Um amor que confunde palácios e governos
«(…) Contra o previsto pelos hábitos da corte, tinha entrado nos aposentos
da amiga sem aviso prévio. Embora estivesse a amanhecer, a penumbra do quarto
levara Constança crer que ainda era noite. Mesmo assim, espreguiçou-se
e recostou-se nas grandes almofadas para, sorridente, aceitar as carícias de Nieve que, de um salto, tinha subido
para a cama. O cão costumava dormir num canto do quarto, bobre um pequeno
escabelo, mas a entrada impetuosa de Inês tinha-o feito acordar em
sobressalto e levara-o a refugiar-se junto da dona. - Constança, ouvi-me, a comitiva está pronta, as mulas carregadas e as
nossas liteiras preparadas - dizia
Inês, falando muito depressa e quase comendo as palavras. - Como é possível que
ainda tenhais de vos vestir?
- Acalmai-vos, Inês! Para quê esse alvoroço? Até o Nieve está a tremer! Que pressas são
essas? Já sei que partimos hoje, mas não há necessidade de nos precipitarmos.
Mais parece que tendes pressa de sair desta casa! Se tivésseis tanto medo como
eu tenho! - Medo? Que temeis,
Constança? Afirma-se que o infante Pedro é galhardo de figura e gentil
de modos, que o casal real, Afonso e D. Beatriz, arde de desejos de vos abraçar
como filha e que Lisboa é uma cidade junto do mar, agradável e alegre. Que vêm
para aqui fazer esses temores
infundados? - Inês, já saí de minha casa noutra
ocasião. Era apenas uma criança e tive de saber o que são noites sem fim,
sentindo saudades de vozes amigas e da paisagem que, todos os dias, recordava.

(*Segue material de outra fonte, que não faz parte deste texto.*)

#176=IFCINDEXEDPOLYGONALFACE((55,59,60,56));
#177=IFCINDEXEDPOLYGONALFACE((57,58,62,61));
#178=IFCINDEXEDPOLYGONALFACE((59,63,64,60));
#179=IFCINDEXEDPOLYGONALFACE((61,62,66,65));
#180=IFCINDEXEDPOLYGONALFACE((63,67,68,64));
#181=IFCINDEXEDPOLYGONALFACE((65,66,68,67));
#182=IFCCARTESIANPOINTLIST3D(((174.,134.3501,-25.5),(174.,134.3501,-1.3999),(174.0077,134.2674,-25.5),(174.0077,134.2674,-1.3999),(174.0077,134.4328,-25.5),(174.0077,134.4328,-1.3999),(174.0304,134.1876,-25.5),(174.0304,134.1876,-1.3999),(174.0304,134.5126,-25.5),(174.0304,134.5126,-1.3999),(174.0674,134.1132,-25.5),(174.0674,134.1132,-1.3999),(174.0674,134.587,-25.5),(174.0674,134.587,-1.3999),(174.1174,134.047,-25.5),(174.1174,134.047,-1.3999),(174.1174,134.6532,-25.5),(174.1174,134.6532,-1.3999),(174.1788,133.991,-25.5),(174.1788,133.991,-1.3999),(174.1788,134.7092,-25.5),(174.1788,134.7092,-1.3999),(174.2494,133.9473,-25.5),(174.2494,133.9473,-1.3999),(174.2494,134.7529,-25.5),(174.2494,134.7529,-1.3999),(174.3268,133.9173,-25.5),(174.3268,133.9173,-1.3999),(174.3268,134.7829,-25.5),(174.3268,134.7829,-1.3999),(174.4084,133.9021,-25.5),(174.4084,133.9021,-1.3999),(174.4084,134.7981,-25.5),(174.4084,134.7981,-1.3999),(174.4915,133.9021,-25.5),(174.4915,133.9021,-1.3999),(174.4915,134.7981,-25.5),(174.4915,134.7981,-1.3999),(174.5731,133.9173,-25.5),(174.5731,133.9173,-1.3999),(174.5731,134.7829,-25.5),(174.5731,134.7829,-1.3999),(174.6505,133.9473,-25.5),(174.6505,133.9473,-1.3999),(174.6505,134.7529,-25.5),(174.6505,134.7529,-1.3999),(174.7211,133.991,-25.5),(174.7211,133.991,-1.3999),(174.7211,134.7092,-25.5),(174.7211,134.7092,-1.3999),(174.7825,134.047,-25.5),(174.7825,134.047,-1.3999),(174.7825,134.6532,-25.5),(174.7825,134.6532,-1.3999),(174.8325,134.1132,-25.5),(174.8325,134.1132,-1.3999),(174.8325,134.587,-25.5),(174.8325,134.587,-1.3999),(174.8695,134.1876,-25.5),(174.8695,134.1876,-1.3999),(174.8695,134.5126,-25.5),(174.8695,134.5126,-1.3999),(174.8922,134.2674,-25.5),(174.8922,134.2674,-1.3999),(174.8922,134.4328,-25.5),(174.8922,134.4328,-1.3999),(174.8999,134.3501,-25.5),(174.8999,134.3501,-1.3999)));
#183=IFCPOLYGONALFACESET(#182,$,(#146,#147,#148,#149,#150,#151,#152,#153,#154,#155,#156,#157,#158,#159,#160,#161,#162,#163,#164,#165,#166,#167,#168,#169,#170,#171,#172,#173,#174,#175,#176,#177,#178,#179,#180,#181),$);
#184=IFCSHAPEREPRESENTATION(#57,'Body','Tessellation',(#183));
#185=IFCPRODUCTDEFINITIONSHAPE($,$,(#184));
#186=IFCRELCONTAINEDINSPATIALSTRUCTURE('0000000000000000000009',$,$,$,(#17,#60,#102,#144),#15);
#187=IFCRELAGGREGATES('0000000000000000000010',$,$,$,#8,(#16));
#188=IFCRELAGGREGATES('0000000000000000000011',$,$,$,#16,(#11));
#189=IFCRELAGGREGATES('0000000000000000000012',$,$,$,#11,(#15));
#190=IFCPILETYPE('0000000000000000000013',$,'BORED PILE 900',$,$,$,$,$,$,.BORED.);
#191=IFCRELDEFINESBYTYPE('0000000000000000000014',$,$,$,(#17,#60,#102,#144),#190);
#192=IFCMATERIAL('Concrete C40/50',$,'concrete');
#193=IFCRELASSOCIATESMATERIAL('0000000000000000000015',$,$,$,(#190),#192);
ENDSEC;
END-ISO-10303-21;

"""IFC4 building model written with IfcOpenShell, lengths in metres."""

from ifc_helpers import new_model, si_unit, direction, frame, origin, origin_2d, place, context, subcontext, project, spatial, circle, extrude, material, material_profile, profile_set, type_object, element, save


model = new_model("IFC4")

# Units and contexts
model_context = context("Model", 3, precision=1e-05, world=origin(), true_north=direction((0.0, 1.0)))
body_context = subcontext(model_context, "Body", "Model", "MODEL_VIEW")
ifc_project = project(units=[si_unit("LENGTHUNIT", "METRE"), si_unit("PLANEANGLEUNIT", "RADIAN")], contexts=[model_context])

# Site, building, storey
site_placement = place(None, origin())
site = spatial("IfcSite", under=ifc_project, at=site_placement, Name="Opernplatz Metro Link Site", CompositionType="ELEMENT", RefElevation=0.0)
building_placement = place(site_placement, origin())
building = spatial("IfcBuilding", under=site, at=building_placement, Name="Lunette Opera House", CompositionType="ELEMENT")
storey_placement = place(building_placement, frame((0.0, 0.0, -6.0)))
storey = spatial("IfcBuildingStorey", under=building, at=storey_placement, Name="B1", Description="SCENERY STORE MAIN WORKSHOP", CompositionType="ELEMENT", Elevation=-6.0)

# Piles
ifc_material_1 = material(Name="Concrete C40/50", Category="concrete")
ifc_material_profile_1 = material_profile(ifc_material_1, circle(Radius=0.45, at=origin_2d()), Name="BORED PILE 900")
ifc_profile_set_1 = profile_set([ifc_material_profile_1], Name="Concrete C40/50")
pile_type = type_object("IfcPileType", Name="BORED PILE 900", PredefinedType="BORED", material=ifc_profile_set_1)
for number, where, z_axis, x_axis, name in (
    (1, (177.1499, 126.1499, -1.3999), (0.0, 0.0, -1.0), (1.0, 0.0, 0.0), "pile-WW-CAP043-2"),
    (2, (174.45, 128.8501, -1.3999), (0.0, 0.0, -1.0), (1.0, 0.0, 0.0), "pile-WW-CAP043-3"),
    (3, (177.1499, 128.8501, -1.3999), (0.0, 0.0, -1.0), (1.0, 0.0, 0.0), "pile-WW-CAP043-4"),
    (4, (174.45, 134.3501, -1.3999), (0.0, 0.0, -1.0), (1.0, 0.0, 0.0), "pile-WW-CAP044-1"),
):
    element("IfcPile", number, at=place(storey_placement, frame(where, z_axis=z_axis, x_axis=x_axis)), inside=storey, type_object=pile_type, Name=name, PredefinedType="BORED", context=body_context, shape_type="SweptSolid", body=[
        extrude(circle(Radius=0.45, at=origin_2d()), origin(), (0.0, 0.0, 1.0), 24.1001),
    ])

Fui em busca de um destino que me parecia feliz e só achei solidão e tristeza.
Quem me garante que a história não vai
repetir-se?
- Não devíeis recordar tão
triste episódio. Também eu parti de casa sendo criança e nem por isso tenho
medo. – Mas encontrastes uma família e eu só achei desprezo. E se fosse esse o meu destino? - Não tem de
sê-lo. Talvez tenhamos trocado de sortes e que agora acheis a felicidade e eu,
as lágrimas. Em qualquer caso, não estou preocupada. À nossa frente temos uma
aventura que nos levará a conhecer novas terras, novas gentes e novos costumes.
Espera-nos, o que não é pouco, a excitação da descoberta. - Ou a decepção
perante a descoberta. - Não será o caso, Constança. O astrólogo consultado
pelo vosso pai assegurou que vos aguardam grandes venturas. Falou de dias de
amor, de ardores e de paixões. De novas vidas que assomam e de outras que se
apagam. De risos de crianças e das alegrias de mãe, depois de lutos justamente
lamentados.
- E quem vos assegura que essa
vida que se apaga não seja a minha?
Ou que me estão reservados esses ardores que confundem amores e alteram consciências? - Tende calma e
raciocinai! - respondeu Inês, visivelmente alterada. - A carta
falava de amores: dos vossos com o vosso futuro esposo. De ardores: dos que
ele, arrebatado de paixão, sentirá quando a vossa beleza for elogiada por
todos. De risos infantis: os dos filhos que Deus vos concederá. E, por fim, de
momentos felizes que se sucedem a momentos tristes. Pois bem, como eu a
interpreto, a profecia refere-se logicamente ao governo ditoso do infante Pedro
e à morte inevitável de Afonso IV de Portugal, que Deus guarde.
Constança limitou-se a fazer um gesto de resignação. Os passos da
ama que, ignorando que Inês se lhe antecipara, acudia a
despertá-la, poupara-lhe o esforço de responder à amiga. Invejava o optimismo
de Inês.
Talvez não tivesse percebido, como ela, que a esperavam dias felizes e um destino
glorioso! No entanto, o coração avisava-a de que uma névoa espessa e escura,
como a que costumava cobrir a várzea banhada pelo Duratón em Novembro, se espalhava sobre o seu futuro em Portugal.
Contudo, sabia também qüe, feliz ou desgraçado, aquele era o seu destino e que
não estava na sua mão modificá-lo. Sem sair do seu mutismo, levantou-se e
deixou que D. Leonor, Inês e as aias preparassem a partida».
In Inês de Castro, María Pilar Queralt de Hierro, Editorial Presença,
Lisboa, 2006, ISBN 978-972-23-3081-7.